If Gen. David Petraeus wasn’t denounced as a traitor upon his arrival on Capitol Hill Tuesday, his testimony was the occasion for the same dreary willful obtuseness on the part of congressional Democrats as in September.
Petraeus and Amb. Ryan Crocker again were cautious and understated, perhaps to a fault. Without over-promising, they explained how we have built on the tentative security gains that Democrats were so skeptical of six months ago, and that there has begun to be political movement. The progress we have won is “fragile and reversible” as they repeatedly said, dependent — among other things — on maintaining sufficient U.S. forces in Iraq.
It’s the last part that Democrats especially don’t want to hear, as they lurch between arguing that the Iraqis will be better able to sort things out without us and that we are in the middle of an unstoppable civil war. Tuesday, they focused on recent events in Basra as evidence of the incompetence of the Iraqi government and complained the Iraqis aren’t shouldering more of the financial burden of the war and reconstruction.
Basra just happened to be the fresh bad news (or seeming bad news) at hand. The dust from Basra has yet to settle and it’s foolish to make grand pronouncements about its ultimate outcome either way. The factoid of the hour was that 1,000 Iraqi soldiers or police “deserted or underperformed.” This is a statistic that should be handled with care. There is a difference between deserting and under-performing, and it would be much more alarming if the Iraqis in question were seasoned military professionals rather than local police more naturally prone to intimidation and militia influences.
Whatever the case, the Iraqi military managed to move thousands of troops to Basra with minimal help from us and Iraqi Prime Minister Nouri al-Malki declared himself against the Iranian-backed “special groups” of Moqtada al-Sadr’s Mahdi army — both encouraging developments. If Sadr emerges from this confrontation further marginalized, Iraq will have taken another important step toward the goal of sustainable stability.
Sen. Edward Kennedy questioned whether we have any dog in the Basra fight, an astonishing posture given Gen. Petraeus’s stark warnings about Iran’s malign role in Iraq. He noted “the destructive role Iran has played in funding, training, arming and directing the so-called special groups,” which he called “the greatest long-term threat to the viability of a democratic Iraq.” Crocker said the Iranians are pursuing a strategy of “Lebanonization,” i.e. destabilizing the country while arming favored Shia factions. Is it really of no account to Democrats whether a sworn enemy of the United States takes over part of Iraq? On the war, the Democrats have an uncontrollable reflex for the childish.

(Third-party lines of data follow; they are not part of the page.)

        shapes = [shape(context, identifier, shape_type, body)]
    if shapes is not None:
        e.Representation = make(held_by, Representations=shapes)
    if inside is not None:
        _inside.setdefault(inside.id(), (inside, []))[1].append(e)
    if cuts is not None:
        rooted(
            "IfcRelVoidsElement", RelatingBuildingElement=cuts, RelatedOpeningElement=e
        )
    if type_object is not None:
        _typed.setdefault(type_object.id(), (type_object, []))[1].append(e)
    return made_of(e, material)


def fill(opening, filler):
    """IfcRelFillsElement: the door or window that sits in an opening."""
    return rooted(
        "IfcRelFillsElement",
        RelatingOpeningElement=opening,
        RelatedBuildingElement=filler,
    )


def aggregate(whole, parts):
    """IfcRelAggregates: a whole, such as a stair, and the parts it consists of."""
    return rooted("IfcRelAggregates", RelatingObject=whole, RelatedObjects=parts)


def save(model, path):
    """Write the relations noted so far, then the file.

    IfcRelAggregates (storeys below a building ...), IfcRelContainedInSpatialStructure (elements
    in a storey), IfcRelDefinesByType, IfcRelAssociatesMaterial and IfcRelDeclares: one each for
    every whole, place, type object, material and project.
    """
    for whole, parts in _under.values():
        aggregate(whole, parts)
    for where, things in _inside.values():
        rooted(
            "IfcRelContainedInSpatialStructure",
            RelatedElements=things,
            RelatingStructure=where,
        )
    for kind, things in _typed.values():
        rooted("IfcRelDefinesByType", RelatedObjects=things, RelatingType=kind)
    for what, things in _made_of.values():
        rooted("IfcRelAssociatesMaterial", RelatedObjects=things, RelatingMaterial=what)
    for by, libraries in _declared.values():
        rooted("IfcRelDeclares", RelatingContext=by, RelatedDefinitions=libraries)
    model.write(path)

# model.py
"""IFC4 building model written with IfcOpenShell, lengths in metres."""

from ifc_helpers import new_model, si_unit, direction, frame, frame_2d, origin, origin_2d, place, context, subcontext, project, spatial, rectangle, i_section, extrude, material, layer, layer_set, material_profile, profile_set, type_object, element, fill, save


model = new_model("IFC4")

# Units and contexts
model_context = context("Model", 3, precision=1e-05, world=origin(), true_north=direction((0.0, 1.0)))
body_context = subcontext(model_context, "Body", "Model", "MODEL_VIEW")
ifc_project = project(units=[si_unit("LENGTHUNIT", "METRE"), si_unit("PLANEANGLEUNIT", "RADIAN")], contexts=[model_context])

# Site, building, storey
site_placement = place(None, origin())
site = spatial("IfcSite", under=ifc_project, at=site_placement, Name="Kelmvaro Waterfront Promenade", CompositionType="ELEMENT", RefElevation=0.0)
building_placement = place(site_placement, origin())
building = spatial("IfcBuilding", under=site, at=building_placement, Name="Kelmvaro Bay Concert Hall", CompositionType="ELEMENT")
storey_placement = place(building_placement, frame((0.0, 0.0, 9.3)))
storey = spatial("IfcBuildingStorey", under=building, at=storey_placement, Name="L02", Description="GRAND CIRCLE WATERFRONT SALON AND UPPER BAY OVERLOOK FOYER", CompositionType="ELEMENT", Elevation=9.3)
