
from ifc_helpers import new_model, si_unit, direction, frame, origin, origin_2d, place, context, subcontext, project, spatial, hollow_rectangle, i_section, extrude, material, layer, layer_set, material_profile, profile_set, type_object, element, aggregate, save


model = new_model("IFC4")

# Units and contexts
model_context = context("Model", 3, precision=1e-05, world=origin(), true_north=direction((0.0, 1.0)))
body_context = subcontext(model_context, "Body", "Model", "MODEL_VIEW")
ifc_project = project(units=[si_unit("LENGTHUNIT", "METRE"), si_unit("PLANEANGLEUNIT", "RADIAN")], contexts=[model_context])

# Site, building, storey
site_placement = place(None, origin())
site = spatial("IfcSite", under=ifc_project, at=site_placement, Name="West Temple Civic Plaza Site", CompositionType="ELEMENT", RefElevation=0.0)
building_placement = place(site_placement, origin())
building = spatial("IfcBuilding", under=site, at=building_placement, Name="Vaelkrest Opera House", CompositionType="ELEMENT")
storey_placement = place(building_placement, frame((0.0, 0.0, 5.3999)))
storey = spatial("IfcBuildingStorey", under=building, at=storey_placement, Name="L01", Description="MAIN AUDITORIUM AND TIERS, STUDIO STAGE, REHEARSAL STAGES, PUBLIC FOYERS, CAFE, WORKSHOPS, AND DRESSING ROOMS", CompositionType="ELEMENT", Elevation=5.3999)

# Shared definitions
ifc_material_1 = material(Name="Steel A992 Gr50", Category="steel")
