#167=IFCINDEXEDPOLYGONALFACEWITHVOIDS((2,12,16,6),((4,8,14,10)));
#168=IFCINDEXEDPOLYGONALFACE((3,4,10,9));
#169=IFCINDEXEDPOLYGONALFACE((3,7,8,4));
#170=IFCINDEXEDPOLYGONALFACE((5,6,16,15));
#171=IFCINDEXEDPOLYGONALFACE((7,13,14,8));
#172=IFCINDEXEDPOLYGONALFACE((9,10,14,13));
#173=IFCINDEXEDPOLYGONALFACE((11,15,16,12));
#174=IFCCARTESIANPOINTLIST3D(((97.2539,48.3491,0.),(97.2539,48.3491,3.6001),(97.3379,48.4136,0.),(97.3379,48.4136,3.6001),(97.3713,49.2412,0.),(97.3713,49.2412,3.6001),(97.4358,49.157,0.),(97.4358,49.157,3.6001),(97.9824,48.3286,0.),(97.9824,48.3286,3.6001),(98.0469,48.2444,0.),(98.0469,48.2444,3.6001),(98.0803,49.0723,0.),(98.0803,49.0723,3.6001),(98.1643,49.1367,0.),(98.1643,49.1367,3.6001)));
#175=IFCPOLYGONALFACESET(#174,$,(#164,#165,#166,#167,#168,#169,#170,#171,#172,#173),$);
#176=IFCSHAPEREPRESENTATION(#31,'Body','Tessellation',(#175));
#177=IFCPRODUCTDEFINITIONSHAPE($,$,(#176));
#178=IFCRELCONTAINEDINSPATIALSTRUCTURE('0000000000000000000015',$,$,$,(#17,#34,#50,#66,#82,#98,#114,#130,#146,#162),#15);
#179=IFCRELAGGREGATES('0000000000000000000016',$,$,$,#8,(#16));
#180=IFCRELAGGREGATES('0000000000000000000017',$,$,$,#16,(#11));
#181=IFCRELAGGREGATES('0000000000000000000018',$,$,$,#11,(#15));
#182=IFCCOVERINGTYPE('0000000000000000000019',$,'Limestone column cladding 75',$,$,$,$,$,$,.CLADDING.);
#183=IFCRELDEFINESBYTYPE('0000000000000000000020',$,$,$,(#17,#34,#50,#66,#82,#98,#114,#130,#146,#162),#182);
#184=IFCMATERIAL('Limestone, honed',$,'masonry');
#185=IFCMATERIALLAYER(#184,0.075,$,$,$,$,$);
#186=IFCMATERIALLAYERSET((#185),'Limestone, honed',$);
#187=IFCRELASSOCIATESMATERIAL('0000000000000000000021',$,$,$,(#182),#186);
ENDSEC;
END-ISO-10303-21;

Witness their complaints about Iraqi-government spending. On one level, they are unremarkable. Every American in Iraq is frustrated that the Iraqi government isn’t spending more of its windfall oil revenues. The problem is that spending money isn’t as easy as the U.S. Congress makes it look. It depends on efficient bureaucracies of the sort that don’t exist in Iraq yet. The Iraqis should be prodded and assisted on this front (as we’ve been doing), but the Iraqi government isn’t going to build this capacity overnight.
In the meantime, the U.S. can’t be seen to be lusting over Iraq’s resources. At times Tuesday, Democrats seemed to have gone from arguing that our heavy-handed occupation is alienating Iraqis to demanding that Iraqis do more to fund our heavy-handed occupation. Our funding of the “Sons of Iraq” — the largely Sunni security volunteers — came under fire in a mind-boggling instance of being penny-wise but pound-foolish. In disapproving tones, Sen. Claire McCaskill noted we pay them “twice the average salary you would make in Iraq.” As Petraeus explained, the Sons of Iraq have paid for themselves already in the savings from fewer vehicle kills from IEDs (not to mention the American lives saved, and the incalculable strategic benefit of their defection from the insurgency).
Petraeus and Crocker always counsel patience when talking of Iraq. They displayed it themselves during hours of interrogation on Capitol Hill. They are impressive public servants with no agenda other than trying to help the United States win a crucial war. Would that their antagonists learned from their example.